Achja, da schaut sie mich an, die angefangene Wolldecke, die ich letzten Winter fürs Sofa stricken wollte. Die Hälfte ist fertig, dann war der Winter auf einmal vorbei und nun überlege ich, ob ich dieses Jahr schon im August anfangen sollte zu stricken, um im Winter auch die warmen Wollsachen fertig zu haben. Man kommt ja zu nix! Stricken? Abends vorm Fernseher? So gemütlich! Aber wenn dann die Kinder nicht ins Bett wollen, man selbst fast beim Insbettbringen einschläft – dann ist die Motivation zum Maschenzählen nicht mehr so riesig.

Stricken, Fotobücher, DIY-Projekte: Man kommt zu nichts!

Dasselbe gilt für das ehrgeizige Projekt Fotobuch. Das hatte ich ja schon vor fünf Jahren in der Elternzeit beim Großen gestartet! Und mir dann zumindest bei der zweiten Elternzeit vor zwei Jahren nochmal ganz energisch vorgenommen: „Diesmal mache ich aber endlich die Fotobücher.“

Welche Mutter kennt das nicht: Man kommt einfach zu nichts, wenn man Kinder hat. Aber dafür zu den wirklich wichtigen Dingen, denn ELtern müssen Prioritäten setzen. Nicht nur in der Erziehung, auch im Haushalt.

Nun ja. Heutiger Stand: Volle Festplatte. Vom Großen gibt es ein Fotobuch über die ersten 9 Monate. Er ist fast fünfeinhalb! Ansonsten: Gute Vorsätze, aber noch nicht einmal die Bilder auf der Festplatte geordnet. Aber jetzt, wenn der Herbst beginnt. Dann werde ich mich ransetzen, ganz ehrlich, fest vorgenommen!

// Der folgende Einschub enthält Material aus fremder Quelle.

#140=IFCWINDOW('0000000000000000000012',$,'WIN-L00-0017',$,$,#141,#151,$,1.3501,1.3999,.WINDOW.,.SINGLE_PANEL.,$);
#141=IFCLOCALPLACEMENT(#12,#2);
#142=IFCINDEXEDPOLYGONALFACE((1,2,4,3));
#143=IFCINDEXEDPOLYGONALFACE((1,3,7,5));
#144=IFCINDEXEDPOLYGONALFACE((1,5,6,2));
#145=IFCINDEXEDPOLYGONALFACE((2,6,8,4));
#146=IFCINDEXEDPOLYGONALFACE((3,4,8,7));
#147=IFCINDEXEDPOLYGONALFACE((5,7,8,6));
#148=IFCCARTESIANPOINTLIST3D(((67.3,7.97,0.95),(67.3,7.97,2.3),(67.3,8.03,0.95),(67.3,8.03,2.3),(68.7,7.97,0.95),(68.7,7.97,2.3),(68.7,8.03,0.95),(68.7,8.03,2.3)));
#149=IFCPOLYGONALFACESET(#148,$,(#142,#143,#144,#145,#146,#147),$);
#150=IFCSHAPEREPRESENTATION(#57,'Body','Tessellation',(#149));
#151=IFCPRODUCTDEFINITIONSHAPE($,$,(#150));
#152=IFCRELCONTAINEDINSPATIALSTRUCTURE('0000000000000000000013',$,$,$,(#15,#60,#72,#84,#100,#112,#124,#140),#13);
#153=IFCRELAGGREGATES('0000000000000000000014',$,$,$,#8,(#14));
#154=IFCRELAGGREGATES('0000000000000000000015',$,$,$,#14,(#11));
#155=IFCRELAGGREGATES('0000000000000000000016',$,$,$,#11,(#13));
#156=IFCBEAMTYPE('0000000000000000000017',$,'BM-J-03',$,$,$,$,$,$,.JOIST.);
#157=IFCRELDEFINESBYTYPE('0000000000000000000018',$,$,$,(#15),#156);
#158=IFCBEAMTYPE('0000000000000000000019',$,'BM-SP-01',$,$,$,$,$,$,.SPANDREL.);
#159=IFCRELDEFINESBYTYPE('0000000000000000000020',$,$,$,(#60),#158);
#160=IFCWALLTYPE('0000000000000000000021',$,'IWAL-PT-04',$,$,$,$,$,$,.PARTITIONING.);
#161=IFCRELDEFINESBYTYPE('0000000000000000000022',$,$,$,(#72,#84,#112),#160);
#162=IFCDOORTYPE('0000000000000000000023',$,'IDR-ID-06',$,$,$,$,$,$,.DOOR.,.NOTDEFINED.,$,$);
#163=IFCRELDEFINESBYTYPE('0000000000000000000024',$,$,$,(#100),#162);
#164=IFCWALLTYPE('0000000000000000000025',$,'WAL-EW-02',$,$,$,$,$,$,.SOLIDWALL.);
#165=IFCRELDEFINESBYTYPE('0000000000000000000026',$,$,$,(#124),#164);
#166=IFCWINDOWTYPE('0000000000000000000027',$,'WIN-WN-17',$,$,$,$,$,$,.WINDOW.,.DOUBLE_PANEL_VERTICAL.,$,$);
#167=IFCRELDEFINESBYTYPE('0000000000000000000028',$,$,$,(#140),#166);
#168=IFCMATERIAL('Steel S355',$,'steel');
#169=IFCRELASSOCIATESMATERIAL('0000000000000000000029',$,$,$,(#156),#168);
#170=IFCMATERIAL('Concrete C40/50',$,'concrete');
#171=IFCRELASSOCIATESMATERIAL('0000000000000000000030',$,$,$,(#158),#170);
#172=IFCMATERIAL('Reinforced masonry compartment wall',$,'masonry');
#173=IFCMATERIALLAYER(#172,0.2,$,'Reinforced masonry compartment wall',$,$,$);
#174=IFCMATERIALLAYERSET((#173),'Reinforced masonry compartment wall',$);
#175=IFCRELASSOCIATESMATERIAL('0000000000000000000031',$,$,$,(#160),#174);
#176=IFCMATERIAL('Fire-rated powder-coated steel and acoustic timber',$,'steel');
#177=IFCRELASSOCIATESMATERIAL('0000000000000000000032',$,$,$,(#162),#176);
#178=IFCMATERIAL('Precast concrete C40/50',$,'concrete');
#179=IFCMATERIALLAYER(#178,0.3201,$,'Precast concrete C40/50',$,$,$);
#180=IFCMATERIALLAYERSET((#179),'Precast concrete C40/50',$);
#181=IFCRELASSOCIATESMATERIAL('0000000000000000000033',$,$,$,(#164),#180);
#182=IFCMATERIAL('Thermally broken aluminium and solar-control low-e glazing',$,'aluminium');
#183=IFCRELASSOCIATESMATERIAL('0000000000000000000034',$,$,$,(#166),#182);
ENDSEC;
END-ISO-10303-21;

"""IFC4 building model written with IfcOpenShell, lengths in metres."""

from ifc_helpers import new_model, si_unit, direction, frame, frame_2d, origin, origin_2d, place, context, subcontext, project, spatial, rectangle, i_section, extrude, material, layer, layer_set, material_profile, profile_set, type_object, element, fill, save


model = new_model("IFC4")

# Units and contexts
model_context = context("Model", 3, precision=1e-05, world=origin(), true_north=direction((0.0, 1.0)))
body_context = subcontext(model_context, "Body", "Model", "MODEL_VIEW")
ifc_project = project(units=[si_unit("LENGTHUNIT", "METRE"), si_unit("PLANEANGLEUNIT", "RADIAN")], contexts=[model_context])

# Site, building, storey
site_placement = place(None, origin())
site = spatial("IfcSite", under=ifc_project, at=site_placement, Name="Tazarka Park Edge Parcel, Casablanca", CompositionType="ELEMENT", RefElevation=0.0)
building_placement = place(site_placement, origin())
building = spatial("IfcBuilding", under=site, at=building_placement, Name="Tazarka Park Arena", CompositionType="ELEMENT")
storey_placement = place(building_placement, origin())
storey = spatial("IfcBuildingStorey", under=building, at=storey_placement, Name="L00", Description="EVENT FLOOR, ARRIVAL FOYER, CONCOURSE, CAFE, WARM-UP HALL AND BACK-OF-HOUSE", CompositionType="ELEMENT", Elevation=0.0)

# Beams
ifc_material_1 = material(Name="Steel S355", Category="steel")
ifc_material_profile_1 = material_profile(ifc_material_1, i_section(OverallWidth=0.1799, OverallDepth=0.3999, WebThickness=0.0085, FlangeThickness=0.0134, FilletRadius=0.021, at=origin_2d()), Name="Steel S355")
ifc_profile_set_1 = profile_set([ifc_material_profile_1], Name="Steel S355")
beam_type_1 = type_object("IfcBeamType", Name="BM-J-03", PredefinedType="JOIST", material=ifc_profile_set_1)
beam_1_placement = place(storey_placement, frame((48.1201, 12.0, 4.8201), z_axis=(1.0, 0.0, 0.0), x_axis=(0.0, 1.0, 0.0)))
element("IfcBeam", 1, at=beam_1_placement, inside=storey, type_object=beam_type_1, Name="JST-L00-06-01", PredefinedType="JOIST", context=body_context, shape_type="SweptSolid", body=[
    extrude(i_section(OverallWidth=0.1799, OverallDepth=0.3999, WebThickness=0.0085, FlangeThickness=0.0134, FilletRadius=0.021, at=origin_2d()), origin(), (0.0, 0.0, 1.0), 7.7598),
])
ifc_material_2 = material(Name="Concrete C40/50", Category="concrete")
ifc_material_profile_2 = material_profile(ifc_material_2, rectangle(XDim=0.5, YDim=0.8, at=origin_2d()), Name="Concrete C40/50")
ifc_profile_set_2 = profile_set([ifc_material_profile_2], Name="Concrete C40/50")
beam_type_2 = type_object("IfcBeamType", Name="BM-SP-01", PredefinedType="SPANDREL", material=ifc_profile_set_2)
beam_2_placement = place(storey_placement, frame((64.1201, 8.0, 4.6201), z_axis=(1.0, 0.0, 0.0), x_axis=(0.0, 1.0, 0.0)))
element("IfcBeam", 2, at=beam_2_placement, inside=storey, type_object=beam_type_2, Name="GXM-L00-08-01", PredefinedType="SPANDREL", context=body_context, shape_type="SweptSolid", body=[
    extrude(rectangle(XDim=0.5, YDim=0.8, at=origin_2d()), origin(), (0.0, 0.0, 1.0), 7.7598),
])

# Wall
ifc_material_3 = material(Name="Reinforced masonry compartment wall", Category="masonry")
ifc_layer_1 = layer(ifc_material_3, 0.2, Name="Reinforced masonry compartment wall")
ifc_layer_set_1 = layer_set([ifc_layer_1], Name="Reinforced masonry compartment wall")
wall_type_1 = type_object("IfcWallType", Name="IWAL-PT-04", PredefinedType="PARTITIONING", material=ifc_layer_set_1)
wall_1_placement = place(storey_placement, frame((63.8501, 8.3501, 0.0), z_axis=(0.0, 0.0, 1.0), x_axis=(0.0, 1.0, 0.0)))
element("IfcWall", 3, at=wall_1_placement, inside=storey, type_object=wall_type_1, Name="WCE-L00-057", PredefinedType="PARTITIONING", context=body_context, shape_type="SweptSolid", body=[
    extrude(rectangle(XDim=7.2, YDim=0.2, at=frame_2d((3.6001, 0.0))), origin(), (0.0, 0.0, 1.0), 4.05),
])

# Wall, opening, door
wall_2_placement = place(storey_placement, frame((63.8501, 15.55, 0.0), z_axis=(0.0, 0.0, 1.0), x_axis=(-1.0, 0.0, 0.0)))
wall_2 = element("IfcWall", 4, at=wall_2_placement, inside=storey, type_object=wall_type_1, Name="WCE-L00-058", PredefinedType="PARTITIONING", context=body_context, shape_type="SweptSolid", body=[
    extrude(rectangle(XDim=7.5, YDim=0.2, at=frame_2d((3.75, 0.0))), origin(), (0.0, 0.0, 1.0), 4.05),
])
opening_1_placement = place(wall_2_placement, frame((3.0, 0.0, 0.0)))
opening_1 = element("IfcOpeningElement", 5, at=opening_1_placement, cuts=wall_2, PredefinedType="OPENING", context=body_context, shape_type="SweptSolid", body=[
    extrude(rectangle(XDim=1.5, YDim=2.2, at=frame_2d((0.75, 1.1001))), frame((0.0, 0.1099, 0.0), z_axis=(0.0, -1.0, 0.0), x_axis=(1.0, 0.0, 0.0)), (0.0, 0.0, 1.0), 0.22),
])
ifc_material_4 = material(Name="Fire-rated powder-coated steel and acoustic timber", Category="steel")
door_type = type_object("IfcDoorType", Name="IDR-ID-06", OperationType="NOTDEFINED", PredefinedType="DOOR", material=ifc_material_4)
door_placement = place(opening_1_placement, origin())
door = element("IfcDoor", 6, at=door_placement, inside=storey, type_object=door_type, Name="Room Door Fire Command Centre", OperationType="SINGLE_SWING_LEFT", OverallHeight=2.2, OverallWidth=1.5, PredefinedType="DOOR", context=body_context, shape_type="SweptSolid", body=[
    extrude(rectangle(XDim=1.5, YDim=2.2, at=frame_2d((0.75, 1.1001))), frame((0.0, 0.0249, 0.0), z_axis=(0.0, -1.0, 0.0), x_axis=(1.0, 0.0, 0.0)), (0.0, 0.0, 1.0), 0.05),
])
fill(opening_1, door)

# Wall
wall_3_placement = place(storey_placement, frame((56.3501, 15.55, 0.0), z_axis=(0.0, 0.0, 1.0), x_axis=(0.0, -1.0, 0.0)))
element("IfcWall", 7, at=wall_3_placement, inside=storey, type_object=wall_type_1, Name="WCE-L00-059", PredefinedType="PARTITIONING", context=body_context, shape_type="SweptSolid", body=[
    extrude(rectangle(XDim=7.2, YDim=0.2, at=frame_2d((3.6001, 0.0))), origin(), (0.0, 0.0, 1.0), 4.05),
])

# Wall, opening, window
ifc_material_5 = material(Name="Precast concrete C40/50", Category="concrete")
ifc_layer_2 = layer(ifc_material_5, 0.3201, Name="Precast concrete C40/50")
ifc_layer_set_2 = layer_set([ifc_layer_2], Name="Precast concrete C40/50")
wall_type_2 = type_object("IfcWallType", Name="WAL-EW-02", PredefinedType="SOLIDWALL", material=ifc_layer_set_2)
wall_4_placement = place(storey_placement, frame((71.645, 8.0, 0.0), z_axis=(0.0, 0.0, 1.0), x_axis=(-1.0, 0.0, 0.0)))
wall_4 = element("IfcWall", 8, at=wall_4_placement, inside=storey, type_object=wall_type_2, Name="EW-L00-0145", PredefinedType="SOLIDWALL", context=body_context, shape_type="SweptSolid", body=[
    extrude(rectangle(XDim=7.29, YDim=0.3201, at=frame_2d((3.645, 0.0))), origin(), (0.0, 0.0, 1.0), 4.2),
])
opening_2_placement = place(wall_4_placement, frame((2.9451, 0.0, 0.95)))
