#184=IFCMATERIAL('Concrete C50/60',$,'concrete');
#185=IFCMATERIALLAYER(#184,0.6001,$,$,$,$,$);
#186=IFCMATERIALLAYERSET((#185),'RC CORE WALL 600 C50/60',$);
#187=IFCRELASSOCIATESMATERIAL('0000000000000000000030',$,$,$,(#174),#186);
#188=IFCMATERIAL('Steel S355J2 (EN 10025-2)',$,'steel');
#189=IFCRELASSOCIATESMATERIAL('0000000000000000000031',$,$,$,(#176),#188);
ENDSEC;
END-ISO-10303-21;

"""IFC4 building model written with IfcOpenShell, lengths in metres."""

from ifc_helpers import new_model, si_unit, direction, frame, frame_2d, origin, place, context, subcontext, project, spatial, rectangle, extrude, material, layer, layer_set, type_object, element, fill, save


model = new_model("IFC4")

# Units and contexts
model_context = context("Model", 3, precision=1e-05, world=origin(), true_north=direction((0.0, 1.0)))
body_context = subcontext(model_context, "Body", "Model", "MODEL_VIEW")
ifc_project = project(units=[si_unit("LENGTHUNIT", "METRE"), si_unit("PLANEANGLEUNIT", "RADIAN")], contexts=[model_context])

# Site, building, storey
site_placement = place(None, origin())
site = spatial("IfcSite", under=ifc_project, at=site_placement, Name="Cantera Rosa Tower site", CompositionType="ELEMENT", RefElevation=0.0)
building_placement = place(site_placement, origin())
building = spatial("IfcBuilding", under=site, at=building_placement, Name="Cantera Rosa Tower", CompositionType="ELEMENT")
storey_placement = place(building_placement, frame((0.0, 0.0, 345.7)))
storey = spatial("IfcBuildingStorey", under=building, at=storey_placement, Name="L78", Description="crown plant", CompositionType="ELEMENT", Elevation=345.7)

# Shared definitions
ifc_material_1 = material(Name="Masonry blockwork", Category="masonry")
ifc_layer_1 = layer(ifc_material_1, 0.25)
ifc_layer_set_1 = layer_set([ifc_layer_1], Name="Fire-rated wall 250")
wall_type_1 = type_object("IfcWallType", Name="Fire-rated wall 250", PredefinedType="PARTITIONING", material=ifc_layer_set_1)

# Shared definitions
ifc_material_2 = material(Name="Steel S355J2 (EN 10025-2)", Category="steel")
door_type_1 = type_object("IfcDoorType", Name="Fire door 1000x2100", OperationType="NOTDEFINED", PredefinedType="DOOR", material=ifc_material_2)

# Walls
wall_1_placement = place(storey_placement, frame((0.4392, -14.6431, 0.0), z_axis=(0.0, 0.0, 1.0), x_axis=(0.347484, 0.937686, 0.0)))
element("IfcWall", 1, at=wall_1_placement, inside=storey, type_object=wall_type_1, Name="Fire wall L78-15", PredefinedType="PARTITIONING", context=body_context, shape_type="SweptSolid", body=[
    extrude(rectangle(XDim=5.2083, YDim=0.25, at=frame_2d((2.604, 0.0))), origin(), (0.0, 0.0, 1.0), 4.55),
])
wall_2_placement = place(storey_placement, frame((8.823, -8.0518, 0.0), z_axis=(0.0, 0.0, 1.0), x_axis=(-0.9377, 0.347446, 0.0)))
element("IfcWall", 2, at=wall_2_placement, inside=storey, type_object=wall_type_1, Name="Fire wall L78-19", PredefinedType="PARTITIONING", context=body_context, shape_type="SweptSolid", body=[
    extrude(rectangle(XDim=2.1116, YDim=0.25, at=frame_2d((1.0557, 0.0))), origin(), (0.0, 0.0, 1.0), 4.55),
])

Achja, man kommt ja zu nichts, wenn man Kinder hat!

Dann sind da noch diverse Bastelprojekte und Heimwerkerprojekte. An Ideen mangelt es nicht! Alte Schubladen, die ich aufarbeiten und als neckische Regale an die Wand anbringen wollte. Sie liegen immer noch und warten auf ihren Einsatz. Und der Stapel Familienfotos – immerhin hab ich ein paar ausgedruckt, wenn es denn schon mit dem Fotobuch hapert. Ich habe es sogar geschafft, sie in alte, vom Flohmarkt gekaufte Bilderrahmen zu stecken. Doch der Stapel liegt nun da, schön gerahmt und wartet darauf in die Diele gehängt zu werden. Petersburger Hängung, Ihr wisst schon, so wie in den Einrichtungszeitschriften, Familiengalerie neben der Garderobe. Soweit der Plan! Im Herbst, da nehmen wir das aber in Angriff!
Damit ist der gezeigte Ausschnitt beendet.